Lake has frequently participated as a guest legal expert on Power 105.1 FM. She has also been a regular guest on the Tom Joyner Morning Show and Michael Baisden radio show. She has been a guest on WBLS New York, and guest on-air host for Radio One's WDBZ in Cincinnati.

In June 2021, Entertainment Studios ordered a revival of the daily court show We the People with Lake taking over for Gloria Allred. It premiered in 2022.

==Other work==
Between 1999 and 2002, Lake was the vice president of DS Recordings Inc. Since September 2000, Lake has also been the co-owner of L Style Design Studios, LLC, in Fort Lee, N.J., an interior design service.

Since 2006, Lake has run the Law Offices of Lauren Lake, located in New York City, Saddlebrook, New Jersey, and Southfield, Michigan where she acts as the sole practitioner. She worked on civil and criminal matters, including divorce, child custody and support, and paternity. She has also handled felony and misdemeanor trials, involving arson, criminal sexual conduct, theft, weapons, assault, and possession of controlled substances. She is a member of The Metropolitan Bar Association, Association of Black Women Lawyers, and Black Entertainment and Sports Lawyers Association. Lake is the co-founder of the Women in Entertainment Empowerment Network (WEEN) which promotes the positive portrayal of women in entertainment and society.

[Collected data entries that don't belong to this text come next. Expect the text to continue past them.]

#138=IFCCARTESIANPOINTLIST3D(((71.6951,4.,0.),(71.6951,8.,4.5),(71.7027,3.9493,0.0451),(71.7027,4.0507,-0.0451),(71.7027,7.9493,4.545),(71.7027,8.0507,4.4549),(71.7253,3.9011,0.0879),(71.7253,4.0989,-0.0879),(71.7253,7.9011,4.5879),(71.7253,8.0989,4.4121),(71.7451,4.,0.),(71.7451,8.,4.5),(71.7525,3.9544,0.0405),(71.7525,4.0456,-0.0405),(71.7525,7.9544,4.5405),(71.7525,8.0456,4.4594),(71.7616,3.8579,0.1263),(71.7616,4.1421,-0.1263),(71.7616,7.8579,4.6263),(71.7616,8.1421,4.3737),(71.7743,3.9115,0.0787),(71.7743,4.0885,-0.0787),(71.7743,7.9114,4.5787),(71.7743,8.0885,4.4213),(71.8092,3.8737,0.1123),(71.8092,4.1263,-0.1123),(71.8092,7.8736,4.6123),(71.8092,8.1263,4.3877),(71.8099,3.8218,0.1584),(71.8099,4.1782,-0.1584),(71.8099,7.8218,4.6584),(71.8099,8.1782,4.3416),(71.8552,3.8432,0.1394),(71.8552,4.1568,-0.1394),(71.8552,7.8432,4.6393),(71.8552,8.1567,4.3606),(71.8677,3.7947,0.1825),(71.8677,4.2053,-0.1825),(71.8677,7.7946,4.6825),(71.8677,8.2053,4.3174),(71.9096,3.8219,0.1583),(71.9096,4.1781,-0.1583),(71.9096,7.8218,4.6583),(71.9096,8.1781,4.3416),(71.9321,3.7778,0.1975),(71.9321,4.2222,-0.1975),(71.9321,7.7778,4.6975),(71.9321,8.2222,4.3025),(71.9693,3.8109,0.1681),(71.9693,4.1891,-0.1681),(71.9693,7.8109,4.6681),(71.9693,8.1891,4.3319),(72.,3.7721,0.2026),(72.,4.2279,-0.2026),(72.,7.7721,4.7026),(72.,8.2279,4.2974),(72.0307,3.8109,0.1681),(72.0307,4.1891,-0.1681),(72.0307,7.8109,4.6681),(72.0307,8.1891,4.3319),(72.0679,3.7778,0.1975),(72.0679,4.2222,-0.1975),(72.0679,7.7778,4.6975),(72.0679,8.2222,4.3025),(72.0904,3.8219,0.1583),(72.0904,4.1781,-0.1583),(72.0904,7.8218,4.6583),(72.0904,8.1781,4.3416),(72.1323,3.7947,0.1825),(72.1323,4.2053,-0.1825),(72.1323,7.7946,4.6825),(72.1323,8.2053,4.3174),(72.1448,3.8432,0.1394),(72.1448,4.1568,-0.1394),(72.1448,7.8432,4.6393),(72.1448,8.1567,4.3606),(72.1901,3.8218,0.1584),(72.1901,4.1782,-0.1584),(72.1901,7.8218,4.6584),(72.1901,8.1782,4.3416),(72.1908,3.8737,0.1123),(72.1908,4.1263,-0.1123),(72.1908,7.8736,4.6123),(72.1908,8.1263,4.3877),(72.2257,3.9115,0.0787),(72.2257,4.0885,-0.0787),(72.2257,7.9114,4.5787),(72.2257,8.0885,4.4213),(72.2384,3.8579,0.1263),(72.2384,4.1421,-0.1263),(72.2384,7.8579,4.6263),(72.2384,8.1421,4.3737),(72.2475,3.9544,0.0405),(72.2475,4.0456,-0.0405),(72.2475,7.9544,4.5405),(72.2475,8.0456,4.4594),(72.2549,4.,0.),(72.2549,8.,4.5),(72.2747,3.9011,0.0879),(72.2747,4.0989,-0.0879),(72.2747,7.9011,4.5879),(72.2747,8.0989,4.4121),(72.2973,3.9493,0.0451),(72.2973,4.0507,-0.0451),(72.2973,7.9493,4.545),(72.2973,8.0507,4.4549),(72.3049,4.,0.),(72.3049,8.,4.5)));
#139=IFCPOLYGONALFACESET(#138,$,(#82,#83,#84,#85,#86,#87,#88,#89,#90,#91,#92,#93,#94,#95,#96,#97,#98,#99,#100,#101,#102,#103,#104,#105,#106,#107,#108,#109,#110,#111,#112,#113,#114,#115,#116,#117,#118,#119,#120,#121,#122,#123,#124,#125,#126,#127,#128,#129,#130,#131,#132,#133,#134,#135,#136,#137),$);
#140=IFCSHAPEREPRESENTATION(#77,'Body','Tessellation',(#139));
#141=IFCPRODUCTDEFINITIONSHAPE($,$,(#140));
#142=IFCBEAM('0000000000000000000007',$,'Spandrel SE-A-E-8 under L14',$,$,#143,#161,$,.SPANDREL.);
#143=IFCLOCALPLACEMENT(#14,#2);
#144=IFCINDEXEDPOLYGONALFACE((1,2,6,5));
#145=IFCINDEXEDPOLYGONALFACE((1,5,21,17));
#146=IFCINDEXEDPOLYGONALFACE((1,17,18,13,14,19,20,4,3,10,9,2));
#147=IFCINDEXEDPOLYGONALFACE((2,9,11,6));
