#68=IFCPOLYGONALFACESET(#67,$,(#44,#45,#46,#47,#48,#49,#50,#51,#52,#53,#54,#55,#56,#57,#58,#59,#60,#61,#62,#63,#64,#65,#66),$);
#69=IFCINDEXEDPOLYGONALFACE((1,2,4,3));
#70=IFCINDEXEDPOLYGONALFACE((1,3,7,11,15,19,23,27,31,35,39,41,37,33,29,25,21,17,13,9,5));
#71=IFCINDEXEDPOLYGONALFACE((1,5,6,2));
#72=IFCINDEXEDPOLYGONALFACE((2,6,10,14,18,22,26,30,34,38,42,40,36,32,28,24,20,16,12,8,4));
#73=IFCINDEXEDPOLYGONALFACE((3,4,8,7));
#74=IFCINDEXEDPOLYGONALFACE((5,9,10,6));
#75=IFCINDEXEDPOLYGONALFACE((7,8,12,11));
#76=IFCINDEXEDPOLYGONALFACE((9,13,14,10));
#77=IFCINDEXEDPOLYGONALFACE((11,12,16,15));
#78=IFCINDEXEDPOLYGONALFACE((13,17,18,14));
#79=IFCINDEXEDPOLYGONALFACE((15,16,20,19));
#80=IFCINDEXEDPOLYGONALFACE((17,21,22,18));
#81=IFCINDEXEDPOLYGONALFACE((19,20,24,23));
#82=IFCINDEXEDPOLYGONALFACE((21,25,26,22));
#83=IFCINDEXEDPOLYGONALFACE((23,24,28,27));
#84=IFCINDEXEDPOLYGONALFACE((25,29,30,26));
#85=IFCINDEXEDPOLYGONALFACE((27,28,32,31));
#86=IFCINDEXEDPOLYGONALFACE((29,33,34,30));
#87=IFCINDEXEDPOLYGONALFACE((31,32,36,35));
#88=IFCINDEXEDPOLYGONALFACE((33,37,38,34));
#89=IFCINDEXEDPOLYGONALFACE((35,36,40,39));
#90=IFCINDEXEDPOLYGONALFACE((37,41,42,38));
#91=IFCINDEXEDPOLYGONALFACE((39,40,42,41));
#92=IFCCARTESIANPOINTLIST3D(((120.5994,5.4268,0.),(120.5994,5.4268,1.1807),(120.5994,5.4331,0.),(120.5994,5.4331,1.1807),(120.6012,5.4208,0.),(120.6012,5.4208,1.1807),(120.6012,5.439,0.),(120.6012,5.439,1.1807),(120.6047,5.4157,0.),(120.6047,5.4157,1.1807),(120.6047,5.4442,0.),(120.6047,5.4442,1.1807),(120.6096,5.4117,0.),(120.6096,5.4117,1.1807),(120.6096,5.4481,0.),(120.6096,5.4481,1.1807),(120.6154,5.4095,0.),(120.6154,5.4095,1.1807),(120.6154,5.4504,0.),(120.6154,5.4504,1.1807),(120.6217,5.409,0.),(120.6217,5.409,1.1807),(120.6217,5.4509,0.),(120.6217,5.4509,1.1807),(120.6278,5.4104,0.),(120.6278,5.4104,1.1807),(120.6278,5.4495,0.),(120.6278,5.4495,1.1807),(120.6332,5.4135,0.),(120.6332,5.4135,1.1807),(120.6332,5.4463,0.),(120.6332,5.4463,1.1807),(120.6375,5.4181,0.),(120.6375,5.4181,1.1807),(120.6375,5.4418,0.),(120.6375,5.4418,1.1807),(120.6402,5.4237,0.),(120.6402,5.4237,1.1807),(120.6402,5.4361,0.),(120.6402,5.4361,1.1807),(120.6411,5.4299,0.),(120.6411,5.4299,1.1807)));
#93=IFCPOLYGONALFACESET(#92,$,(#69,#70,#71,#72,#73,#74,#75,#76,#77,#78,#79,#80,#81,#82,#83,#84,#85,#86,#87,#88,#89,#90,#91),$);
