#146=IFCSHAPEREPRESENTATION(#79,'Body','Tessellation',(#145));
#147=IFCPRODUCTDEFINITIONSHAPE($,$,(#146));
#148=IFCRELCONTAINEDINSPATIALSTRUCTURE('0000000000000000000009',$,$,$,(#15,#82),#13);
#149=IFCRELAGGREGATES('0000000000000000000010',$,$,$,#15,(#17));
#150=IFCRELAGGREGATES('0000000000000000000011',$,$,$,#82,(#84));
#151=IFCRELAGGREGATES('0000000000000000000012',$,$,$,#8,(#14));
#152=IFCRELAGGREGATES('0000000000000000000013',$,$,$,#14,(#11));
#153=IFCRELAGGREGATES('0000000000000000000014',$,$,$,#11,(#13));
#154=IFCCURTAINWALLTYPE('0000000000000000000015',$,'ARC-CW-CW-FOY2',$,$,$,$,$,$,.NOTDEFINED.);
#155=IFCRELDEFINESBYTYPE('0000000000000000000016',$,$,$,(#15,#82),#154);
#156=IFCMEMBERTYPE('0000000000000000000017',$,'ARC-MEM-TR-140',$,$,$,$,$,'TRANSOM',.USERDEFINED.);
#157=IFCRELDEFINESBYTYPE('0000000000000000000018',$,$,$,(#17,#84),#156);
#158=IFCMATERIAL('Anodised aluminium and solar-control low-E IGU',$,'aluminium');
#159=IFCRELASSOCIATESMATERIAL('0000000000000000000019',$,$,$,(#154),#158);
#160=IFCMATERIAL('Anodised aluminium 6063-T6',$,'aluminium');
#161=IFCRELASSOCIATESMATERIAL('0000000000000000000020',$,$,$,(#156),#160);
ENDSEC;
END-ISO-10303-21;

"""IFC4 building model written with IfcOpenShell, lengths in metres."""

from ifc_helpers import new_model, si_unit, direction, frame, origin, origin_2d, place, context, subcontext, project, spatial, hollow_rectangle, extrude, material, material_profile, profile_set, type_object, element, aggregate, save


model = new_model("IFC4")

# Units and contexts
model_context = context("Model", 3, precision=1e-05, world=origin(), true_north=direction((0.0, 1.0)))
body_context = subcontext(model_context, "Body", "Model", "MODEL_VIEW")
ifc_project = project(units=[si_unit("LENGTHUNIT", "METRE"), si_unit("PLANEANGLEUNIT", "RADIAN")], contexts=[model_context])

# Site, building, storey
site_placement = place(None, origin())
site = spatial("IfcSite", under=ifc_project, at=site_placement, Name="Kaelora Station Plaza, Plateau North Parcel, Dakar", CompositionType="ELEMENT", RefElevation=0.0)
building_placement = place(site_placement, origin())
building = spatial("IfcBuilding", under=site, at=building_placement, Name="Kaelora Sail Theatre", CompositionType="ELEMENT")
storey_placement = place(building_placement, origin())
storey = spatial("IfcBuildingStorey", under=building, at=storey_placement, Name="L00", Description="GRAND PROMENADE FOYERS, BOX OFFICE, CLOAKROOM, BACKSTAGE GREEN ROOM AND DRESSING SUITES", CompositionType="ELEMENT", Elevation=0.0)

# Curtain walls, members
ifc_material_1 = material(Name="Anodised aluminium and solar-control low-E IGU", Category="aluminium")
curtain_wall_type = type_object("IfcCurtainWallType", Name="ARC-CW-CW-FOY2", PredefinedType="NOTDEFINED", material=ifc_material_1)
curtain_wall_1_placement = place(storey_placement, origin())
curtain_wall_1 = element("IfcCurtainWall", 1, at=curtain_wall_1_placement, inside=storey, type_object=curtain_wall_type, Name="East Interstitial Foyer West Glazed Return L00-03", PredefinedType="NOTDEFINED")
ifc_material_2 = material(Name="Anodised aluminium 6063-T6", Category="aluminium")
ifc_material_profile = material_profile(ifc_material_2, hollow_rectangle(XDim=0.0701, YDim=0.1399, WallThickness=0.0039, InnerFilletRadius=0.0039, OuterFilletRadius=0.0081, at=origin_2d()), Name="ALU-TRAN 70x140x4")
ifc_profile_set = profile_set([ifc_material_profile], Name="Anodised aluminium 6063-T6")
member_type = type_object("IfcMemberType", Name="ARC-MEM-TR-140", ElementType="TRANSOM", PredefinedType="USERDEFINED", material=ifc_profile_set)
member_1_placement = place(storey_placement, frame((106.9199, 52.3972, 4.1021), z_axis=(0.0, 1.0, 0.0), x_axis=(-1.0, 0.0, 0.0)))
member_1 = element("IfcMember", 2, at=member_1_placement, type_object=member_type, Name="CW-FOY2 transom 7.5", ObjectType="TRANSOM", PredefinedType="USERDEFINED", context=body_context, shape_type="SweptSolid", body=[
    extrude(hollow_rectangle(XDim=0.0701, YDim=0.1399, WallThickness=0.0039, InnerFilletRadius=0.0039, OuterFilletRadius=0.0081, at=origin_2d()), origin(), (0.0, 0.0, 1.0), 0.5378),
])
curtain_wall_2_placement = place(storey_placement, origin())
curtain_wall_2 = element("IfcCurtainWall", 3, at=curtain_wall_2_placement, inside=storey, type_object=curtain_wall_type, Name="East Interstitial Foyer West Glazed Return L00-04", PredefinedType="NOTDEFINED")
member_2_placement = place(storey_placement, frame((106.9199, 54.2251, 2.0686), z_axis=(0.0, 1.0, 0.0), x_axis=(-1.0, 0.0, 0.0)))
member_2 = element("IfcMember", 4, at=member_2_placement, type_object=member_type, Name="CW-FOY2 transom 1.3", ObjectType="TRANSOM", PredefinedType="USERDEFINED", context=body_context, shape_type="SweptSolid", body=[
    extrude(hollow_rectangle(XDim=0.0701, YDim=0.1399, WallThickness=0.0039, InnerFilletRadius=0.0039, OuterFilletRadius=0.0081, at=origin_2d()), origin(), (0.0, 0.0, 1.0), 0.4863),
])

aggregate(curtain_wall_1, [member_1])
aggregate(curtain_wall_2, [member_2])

Lake has presented as a motivational speaker. She participated in Bill Cosby's Call Out speaking tour in 2006. Lake also appears in Cosby's book Come on, People: On the Path from Victims to Victor.

Lake's book, "Girl! Let Me Tell You...," was published in 2009. In the book, Lake answers questions about life and love, posed by single women.

==Personal life==

In 2007, Lake married former NFL coach and sports trader Carlos Woods. The couple have a son.